Access Pf7 Data and Metadata¶

Here we define the data and metadata as pandas dataframes

release_data = malariagen_data.Pf7()
sample_metadata = release_data.sample_metadata()

Produce the Table of Samples per Admin Division Level 1¶

####Define a dictionary for sub-population names

To make the eventual table output easier to interpret, we add a column ‘Region’ to the dataframe. The dictionary matches the codes for each major sub-population to their full names. E.g. ‘SA’ becomes ‘South America (SA)’ in the ‘Region’ column.

We initially give a numeric prefix to the sub-populations so that they will appear in our desired order (west to east) in the table. This will be removed later on.

# Define a dictionary to link population code with the full name of each region
population_legend = collections.OrderedDict()
population_legend['SA']       = "01. South America"
population_legend['AF-W']     = "02. Africa - West"
population_legend['AF-C']     = "03. Africa - Central"
population_legend['AF-NE']    = "04. Africa - Northeast"
population_legend['AF-E']     = "05. Africa - East"
population_legend['AS-S-E']  = "06. Asia - South - East"
population_legend['AS-S-FE']  = "07. Asia - South - Far East"
population_legend['AS-SE-W'] = "08. Asia - Southeast - West"
population_legend['AS-SE-E'] = "09. Asia - Southeast - East"
population_legend['OC-NG']    = "10. Oceania - New Guinea"

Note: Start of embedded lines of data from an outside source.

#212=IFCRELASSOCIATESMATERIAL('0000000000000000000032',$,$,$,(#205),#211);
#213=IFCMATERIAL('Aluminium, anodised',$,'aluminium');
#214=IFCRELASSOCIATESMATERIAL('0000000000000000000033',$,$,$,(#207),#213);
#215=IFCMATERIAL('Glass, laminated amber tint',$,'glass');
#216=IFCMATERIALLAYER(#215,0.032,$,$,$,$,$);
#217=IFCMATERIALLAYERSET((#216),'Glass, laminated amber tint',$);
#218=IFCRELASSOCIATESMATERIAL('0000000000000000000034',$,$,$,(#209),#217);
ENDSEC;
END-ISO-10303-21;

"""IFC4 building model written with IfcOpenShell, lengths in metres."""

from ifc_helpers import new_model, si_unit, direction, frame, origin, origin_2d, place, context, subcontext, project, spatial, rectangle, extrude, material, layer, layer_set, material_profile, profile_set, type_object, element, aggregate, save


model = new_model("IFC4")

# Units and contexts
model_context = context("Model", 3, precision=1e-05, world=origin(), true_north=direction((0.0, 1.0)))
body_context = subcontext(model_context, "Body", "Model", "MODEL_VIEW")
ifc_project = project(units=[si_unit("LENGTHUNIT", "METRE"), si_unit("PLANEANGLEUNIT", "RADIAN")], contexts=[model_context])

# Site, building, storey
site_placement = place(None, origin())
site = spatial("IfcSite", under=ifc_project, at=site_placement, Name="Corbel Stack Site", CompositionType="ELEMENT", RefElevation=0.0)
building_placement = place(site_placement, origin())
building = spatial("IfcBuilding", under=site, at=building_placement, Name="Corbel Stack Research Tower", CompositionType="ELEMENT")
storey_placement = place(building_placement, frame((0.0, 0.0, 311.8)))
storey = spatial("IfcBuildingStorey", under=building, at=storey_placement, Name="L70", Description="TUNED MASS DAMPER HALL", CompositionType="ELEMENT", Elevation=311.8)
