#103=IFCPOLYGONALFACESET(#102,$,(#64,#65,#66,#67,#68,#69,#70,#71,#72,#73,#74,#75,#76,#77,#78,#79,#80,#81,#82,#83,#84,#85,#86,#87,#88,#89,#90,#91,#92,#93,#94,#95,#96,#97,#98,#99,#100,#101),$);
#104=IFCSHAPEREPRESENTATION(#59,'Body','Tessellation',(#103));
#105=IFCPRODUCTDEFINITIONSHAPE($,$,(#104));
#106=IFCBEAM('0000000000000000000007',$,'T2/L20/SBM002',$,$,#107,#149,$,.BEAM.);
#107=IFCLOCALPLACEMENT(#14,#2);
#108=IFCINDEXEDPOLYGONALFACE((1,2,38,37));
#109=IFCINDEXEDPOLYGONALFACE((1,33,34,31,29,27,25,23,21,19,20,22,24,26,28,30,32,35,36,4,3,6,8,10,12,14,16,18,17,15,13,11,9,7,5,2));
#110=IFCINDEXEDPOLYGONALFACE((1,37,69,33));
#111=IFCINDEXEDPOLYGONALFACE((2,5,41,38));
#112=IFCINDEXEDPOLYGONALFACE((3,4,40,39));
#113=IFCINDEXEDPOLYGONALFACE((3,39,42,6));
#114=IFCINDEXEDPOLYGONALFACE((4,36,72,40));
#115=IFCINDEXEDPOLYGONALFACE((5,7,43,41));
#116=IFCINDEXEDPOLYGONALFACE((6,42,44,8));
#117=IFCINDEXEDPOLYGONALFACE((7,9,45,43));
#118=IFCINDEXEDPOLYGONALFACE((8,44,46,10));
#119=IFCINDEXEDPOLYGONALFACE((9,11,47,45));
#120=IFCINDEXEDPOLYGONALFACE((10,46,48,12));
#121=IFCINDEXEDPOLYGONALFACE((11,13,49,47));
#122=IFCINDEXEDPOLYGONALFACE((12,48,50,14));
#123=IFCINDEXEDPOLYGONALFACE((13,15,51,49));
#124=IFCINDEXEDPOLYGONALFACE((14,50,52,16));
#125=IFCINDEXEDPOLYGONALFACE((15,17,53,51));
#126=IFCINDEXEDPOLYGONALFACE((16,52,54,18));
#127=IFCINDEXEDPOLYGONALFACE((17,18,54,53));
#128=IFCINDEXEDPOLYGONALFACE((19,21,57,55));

# Include full name of each population as 'Region' in the pf7_metadata dataframe
sample_metadata['Region'] = sample_metadata['Population'].apply(lambda x: f'{population_legend[x]} ({x})' if x in population_legend else '11. Unverified identity')

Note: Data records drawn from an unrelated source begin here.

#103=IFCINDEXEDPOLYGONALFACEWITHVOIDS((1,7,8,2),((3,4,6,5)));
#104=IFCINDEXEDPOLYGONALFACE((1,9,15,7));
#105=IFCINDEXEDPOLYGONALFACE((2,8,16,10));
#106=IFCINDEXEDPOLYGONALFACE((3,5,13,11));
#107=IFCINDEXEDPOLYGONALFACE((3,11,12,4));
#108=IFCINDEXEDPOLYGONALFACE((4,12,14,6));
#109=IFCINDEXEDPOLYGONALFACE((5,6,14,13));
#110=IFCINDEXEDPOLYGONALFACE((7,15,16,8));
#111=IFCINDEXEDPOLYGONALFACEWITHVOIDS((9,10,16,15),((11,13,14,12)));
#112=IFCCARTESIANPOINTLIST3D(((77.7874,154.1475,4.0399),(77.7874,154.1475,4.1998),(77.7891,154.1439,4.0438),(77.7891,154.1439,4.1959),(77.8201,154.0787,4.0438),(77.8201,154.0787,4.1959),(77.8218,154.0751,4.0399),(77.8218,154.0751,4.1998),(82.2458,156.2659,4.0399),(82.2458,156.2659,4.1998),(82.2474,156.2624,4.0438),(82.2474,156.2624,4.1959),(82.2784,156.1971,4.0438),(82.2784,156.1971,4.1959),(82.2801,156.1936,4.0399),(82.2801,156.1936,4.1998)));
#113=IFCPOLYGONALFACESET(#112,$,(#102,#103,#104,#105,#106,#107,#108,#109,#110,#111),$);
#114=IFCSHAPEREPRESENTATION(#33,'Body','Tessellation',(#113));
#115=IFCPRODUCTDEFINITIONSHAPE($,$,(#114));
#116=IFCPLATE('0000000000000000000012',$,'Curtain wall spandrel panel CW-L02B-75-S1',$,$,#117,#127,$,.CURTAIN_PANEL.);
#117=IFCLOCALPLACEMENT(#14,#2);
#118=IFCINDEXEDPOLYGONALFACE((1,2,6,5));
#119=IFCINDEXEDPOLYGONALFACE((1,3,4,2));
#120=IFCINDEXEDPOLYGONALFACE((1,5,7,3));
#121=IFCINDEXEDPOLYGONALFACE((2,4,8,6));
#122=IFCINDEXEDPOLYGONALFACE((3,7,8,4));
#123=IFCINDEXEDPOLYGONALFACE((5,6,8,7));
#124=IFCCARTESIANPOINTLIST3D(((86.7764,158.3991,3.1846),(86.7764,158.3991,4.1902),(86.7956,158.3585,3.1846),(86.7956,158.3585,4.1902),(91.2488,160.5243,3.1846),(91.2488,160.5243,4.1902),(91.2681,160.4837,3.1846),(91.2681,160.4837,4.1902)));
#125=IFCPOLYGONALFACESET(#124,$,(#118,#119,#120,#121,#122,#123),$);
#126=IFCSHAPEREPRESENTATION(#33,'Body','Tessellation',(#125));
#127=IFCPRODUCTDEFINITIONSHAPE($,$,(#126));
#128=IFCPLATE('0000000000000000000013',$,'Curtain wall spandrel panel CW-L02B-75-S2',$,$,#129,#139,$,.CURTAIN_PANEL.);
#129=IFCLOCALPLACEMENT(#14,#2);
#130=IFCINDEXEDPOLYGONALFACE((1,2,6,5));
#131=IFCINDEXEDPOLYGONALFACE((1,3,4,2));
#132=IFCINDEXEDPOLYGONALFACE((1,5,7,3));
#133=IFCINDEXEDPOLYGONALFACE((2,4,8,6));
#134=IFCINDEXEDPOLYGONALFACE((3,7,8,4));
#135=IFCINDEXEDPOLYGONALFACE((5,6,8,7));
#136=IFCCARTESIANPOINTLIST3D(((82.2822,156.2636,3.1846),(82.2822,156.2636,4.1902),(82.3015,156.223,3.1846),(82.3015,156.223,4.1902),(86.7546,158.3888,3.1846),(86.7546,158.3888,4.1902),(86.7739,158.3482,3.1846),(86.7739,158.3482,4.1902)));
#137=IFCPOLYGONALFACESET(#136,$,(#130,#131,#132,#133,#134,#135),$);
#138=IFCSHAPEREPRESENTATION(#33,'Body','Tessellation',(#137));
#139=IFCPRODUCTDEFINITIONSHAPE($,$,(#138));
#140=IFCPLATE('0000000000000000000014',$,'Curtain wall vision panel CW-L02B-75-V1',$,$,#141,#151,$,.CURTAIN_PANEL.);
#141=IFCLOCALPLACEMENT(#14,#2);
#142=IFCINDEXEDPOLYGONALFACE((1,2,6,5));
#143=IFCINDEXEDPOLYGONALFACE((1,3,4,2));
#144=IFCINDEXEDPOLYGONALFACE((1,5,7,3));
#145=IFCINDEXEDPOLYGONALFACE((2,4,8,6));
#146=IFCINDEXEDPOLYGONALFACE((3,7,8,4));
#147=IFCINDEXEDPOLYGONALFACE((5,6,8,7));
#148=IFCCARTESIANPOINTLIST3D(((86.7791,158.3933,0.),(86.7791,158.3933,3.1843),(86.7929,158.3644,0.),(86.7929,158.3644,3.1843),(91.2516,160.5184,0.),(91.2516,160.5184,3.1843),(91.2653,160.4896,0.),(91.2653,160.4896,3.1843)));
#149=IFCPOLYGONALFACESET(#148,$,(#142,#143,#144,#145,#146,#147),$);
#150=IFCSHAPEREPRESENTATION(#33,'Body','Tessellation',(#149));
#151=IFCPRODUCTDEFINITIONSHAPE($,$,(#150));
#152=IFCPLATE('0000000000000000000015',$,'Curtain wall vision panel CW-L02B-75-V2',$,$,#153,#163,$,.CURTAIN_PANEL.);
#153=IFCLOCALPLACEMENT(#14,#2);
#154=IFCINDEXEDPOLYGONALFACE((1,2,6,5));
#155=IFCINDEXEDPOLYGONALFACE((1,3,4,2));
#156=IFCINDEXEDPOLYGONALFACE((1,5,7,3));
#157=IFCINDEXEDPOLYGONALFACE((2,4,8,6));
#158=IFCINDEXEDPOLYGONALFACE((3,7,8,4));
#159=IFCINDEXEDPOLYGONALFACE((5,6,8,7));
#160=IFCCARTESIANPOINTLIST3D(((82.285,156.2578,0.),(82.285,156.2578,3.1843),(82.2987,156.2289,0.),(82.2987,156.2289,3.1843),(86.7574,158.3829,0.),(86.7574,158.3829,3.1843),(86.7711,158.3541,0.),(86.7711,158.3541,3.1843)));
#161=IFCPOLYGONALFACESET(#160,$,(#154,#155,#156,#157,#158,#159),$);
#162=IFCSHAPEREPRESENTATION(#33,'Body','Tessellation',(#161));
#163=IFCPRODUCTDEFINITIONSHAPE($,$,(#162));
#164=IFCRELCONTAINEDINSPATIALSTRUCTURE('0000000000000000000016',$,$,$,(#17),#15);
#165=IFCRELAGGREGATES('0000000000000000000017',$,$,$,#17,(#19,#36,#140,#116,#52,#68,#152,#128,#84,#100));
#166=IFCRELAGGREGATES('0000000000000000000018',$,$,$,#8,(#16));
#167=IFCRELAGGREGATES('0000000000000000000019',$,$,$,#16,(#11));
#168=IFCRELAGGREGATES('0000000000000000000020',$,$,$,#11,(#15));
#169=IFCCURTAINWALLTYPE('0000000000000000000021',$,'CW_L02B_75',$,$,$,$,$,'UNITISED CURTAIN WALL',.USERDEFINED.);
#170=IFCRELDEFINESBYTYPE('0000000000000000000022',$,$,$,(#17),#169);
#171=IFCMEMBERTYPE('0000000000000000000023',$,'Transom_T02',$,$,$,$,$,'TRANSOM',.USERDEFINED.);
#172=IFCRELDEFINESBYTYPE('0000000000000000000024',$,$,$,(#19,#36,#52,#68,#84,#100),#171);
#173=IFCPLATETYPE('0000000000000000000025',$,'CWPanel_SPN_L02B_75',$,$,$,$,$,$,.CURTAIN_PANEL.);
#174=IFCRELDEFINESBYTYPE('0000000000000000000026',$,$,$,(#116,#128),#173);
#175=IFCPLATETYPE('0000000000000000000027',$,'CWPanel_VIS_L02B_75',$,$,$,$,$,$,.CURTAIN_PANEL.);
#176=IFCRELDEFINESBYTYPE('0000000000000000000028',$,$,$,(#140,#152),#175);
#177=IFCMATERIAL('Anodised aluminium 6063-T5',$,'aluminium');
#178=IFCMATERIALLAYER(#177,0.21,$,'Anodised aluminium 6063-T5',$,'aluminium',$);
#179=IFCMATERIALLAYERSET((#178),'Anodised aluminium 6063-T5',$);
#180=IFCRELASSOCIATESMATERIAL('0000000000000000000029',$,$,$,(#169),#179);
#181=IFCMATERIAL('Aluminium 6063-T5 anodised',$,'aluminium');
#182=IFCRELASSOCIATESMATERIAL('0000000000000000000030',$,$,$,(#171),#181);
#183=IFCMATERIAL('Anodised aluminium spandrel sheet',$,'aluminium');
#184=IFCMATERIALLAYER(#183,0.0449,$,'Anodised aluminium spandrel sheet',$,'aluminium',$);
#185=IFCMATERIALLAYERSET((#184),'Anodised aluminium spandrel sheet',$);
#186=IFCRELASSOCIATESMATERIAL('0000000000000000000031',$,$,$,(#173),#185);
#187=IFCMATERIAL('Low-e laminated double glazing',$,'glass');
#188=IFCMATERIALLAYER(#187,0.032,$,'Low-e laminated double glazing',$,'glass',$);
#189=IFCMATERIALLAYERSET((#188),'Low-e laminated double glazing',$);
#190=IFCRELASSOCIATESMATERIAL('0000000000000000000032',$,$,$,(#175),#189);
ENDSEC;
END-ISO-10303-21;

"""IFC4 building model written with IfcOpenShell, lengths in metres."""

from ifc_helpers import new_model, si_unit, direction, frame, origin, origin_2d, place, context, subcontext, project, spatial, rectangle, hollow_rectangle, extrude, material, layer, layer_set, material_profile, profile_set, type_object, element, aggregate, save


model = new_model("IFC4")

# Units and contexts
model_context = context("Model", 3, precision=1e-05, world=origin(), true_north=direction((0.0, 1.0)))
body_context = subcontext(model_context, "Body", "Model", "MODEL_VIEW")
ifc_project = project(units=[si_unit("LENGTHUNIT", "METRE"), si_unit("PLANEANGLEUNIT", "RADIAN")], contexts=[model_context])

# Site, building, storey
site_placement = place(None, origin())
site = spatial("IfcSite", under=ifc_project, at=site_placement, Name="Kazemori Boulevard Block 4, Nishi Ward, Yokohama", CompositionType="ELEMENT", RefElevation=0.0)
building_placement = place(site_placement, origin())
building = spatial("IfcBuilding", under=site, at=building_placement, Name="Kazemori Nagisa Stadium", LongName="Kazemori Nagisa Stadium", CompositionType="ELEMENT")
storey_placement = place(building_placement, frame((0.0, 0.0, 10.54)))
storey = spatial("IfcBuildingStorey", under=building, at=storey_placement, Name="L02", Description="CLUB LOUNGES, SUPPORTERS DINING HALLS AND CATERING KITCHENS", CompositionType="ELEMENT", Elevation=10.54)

####Add a longitude column for sorting the table We already have longitude information for country and admin division which we could use to sort the table in our desired west to east order. However, there are some locations who’s subpopulation region and country longitude mean they don’t sort in a consistent west-to-east manner.

Here we add a new longitude column for sorting the table ‘country_long_table’ which keeps all longitude values the same, except for locations which need a fake longitude to enable them to sort properly with the rest of their major sub-population or country.

We make the new column so that the original longitude values are retained, in case they were ever needed in the future.

sample_metadata['country_long_table'] = sample_metadata['Country longitude'] # Add the new column for sorting the table
sample_metadata.loc[sample_metadata['Admin level 1'] == 'Kisumu', 'country_long_table'] = 40 # Want it to appear last in AF-NE
sample_metadata.loc[sample_metadata['Admin level 1'] == 'Kilifi', 'country_long_table'] = 34 # Want it to appear first in AF-E

Aggregate the data by our fields of interest¶

Here we group by Region, Country, Admin level 1 and count the number of sequenced samples, then output to a dataframe, then order the locations from West to East based on country.

# Aggregate data for all samples and store in a dataframe 'agg1'
agg1 = (
    sample_metadata.groupby(
        ['Region','Country','Admin level 1','country_long_table'])
    .size()
    .to_frame('Sequenced samples')
    .reset_index()
    .sort_values(by = ['Region','country_long_table','Admin level 1'])
)

# Do this again, but just for samples passing QC rather than all samples
# We define new dataframes to keep each stage of data manipulation separate
agg2 = (
    sample_metadata.groupby(
        ['Region','Country','Admin level 1','country_long_table','QC pass']
        )
    .size()
    .to_frame('Analysis set samples')
    .reset_index()
    .sort_values(by = ['Region','country_long_table','Admin level 1'])
)
agg3 = agg2.loc[agg2['QC pass'] == True]

Merge these aggregated dataframes and drop duplicate columns¶

table_df = (
    pd.merge(agg1, agg3, on = 'Admin level 1', how = 'left',suffixes=('', '_y'))
    .sort_values(by = ['Region','country_long_table', 'Admin level 1'])
    ) # Merge
table_df.drop(table_df.filter(regex='_y$').columns, axis=1, inplace=True) # Drop duplicate columns
table_df_trimmed = table_df.drop(['country_long_table','QC pass'], axis = 1) # Drop further uneccesary columns and make a new df to avoid confusion

Trim off the number from Region column¶

# Remove the first 3 characters from each value in the column
table_df_trimmed['Region'] = table_df_trimmed['Region'].str[3:]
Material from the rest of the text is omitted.